When Joseph threatened the brothers’ sense of superiority, they panicked and threw him in a hole. When Jacob went into continuous mourning, they panicked and continued the lie. They panicked when famine struck their land, when the Pharaoh’s viceroy took a bizarre interest in them and when that viceroy accused them of theft.
I know all about panic. My mother’s father was well to do. In the 1920’s he owned what was then called a department store in Western Pennsylvania. They had cars, they took vacations, his oldest child was in college and the youngest, my mother, was pampered in every way. Then, in 1932 during the Depression, my grandfather lost his business and he and his family went from having everything to having absolutely nothing. My grandfather panicked and he killed himself. He shot himself. And the person who found the body first was his eleven-year old daughter, my mother. My mother never really recovered from this and, through her, neither have I. She lived in a continual state of panic or panic-induced depression most of the time I knew her.

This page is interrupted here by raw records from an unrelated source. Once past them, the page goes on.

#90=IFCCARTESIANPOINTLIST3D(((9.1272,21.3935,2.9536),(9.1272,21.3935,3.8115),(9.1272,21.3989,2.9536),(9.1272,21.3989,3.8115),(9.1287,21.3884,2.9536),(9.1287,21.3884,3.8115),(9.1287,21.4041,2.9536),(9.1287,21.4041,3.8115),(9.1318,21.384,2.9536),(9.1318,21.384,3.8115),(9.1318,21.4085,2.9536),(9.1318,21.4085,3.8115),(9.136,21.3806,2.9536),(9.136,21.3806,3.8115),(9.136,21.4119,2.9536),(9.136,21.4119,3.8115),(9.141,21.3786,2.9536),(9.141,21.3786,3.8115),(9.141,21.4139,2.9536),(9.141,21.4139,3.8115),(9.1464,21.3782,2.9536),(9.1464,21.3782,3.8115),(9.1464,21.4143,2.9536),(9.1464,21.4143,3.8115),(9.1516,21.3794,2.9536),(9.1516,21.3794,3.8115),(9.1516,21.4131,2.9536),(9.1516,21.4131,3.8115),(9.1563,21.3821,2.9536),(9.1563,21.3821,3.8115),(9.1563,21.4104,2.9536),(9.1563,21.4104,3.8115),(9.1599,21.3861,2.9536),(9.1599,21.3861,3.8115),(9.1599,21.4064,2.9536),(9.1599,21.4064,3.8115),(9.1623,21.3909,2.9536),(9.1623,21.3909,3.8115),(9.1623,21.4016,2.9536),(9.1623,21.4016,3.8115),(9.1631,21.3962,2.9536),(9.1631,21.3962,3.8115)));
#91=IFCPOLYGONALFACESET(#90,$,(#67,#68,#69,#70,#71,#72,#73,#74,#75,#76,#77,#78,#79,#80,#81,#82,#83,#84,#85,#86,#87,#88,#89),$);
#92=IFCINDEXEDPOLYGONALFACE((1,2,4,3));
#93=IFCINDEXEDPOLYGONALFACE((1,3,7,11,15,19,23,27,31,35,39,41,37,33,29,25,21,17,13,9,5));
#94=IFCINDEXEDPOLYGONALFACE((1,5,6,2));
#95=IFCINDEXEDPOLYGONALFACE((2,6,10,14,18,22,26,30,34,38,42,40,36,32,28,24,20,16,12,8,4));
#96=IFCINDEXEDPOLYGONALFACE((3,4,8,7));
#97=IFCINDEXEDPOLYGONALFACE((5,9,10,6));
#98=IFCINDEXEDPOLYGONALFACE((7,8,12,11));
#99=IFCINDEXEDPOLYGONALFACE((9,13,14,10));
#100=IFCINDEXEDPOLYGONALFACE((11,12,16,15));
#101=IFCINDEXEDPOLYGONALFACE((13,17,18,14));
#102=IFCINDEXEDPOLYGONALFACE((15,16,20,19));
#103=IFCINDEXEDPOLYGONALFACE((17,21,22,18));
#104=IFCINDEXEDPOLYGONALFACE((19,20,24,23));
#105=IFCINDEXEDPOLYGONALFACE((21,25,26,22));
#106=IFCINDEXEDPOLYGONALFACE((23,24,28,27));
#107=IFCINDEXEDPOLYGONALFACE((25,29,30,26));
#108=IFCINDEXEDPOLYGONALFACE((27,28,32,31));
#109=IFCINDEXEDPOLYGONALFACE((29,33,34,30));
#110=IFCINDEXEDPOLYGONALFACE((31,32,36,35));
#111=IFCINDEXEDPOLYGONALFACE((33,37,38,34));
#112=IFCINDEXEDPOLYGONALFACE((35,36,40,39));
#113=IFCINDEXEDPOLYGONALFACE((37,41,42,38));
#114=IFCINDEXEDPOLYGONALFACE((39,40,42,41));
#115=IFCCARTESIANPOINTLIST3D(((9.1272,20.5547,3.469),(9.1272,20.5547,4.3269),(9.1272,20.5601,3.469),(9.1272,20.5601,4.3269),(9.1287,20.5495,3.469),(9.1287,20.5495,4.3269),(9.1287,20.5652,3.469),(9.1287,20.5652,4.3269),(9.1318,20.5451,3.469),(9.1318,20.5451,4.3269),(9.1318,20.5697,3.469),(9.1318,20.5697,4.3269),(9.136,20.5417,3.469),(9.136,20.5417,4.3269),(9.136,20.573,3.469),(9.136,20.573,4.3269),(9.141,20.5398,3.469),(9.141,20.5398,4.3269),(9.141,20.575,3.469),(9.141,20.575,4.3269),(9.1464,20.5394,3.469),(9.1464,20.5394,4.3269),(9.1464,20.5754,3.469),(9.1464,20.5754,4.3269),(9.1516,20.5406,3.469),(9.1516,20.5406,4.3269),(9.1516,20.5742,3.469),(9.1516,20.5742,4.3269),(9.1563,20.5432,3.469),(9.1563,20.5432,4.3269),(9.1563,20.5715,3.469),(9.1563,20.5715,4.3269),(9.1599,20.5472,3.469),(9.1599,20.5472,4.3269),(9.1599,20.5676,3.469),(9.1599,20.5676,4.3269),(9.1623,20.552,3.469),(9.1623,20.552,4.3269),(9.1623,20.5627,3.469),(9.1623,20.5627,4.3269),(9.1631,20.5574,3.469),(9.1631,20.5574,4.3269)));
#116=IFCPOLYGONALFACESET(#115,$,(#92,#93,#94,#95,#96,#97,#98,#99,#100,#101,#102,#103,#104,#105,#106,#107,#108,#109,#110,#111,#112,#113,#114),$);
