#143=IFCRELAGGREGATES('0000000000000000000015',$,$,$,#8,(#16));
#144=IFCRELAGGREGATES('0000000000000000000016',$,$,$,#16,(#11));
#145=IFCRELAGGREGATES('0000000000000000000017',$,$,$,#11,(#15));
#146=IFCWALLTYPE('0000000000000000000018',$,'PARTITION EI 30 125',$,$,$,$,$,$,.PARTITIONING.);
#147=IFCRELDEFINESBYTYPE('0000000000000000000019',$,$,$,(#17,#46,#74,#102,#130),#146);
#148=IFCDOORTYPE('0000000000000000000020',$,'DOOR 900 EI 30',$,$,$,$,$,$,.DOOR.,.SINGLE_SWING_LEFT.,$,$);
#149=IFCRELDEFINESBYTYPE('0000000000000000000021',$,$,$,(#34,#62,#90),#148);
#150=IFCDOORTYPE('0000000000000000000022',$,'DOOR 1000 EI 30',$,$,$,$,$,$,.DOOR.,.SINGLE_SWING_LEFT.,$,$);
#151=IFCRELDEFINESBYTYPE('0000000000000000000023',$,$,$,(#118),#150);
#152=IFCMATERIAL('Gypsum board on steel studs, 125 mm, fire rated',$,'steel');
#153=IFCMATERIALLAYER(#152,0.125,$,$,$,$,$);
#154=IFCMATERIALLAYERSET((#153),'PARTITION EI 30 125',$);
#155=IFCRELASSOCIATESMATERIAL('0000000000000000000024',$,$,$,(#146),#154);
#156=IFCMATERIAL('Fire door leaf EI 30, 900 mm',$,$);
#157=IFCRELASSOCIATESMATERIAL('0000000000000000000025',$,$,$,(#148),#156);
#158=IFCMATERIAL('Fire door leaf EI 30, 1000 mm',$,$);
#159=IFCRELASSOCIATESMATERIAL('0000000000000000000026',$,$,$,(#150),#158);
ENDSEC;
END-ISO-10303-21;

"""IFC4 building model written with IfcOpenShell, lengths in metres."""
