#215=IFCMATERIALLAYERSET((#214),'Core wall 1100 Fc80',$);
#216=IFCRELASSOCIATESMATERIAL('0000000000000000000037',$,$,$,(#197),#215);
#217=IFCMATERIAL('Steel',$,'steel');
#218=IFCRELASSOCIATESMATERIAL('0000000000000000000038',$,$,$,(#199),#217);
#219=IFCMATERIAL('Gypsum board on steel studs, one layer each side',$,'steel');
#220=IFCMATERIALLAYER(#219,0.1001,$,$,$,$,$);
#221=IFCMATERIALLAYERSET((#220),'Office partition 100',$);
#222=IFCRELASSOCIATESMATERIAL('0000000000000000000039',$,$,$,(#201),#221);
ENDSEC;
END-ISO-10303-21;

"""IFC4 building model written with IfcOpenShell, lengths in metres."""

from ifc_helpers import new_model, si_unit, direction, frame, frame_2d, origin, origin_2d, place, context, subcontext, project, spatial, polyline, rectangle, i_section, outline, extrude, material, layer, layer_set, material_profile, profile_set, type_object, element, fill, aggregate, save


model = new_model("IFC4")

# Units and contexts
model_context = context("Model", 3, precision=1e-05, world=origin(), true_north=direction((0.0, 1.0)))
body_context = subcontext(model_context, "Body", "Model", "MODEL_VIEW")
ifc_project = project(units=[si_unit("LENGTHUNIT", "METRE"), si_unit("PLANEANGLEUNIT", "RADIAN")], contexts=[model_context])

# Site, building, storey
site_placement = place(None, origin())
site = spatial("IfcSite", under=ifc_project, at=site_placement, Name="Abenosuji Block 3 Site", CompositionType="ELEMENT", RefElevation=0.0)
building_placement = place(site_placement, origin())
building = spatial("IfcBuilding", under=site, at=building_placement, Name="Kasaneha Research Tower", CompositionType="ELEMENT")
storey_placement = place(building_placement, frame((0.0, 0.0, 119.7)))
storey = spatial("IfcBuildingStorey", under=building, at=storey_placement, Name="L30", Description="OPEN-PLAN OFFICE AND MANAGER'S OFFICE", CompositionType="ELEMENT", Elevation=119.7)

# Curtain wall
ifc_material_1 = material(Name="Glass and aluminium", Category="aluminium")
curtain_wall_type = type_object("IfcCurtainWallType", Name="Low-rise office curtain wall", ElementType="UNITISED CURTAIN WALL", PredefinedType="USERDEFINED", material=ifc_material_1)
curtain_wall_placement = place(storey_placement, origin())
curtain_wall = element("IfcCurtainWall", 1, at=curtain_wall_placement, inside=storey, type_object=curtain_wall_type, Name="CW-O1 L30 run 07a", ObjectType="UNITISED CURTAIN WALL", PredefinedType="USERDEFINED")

This current economic crisis has me in a panic. I am unemployed and I see no sign of getting a job any time soon. I wake up in the middle of the night worrying. And I’m not just panicking for myself. I’m worried about the the well being of my friends, my family, my community, my country, Israel, the world, Gaza, Iraq, Afghanistan, everywhere. Global Warming, paying off my credit cards, bailing out the auto industry, rockets in Southern Israel,. I mean, c’mon! I want to lash out, I want to punish someone, I don’t know who and I don’t care! I’m freaked out! Aren’t you?
But then I think about my grandmother. She was one tough cookie. After her husband’s death, she picked up her kids and moved back to Queens where she was from, and she started a business installing and servicing laundry machines in apartment building basements. She started with one machine and by the time she died I 1966 she was well off and had started a business that her son and son-in-law kept going for many years. I went to college on those washing machines. My grandmother survived and flourished.

So I know, I assume, I will get another job, eventually. Barack Obama is going to be president soon and he will get done what needs to be done.

Joseph, when he matures, is calm and a thinker always guided by his principles and his brain. When faced by catastrophe he survives and flourishes. Even at his most emotional moments, when he sees his brothers after so many years, he plans and he tests and he doesn’t act until he is sure that they, in the person of Judah, are truly sorry for what they did and that they are ready for his help.

Intellect and heart don’t work when they are separated. Joseph as an intellect alone is not enough. Later in the parsha, when the free peasants of Egypt beg him to feed them during the famine he logically and horrifically turns them all into serfs. Judah as a feeling man is not enough. His anger at Joseph’s youthful arrogances and his love oforhis brothers stop him from helping Joseph when he needs it the most.

So Joseph cries when he sees his brothers again and when he makes himself known to them. And he cries when he sees his father after so many years. He feels deeply, and acts on those feelings, but not impulsively and not with anger and hate. And it is Judah’s intellectual realization that he most take responsibility for his own actions that finally sets off the catharsis that allows this family to come to resolution. It is when Judah approaches Joseph, when the calm of one brother combines with the emotional action of the other that they are returned to their true future and our covenant with connection. It is their duality that allows us to become one.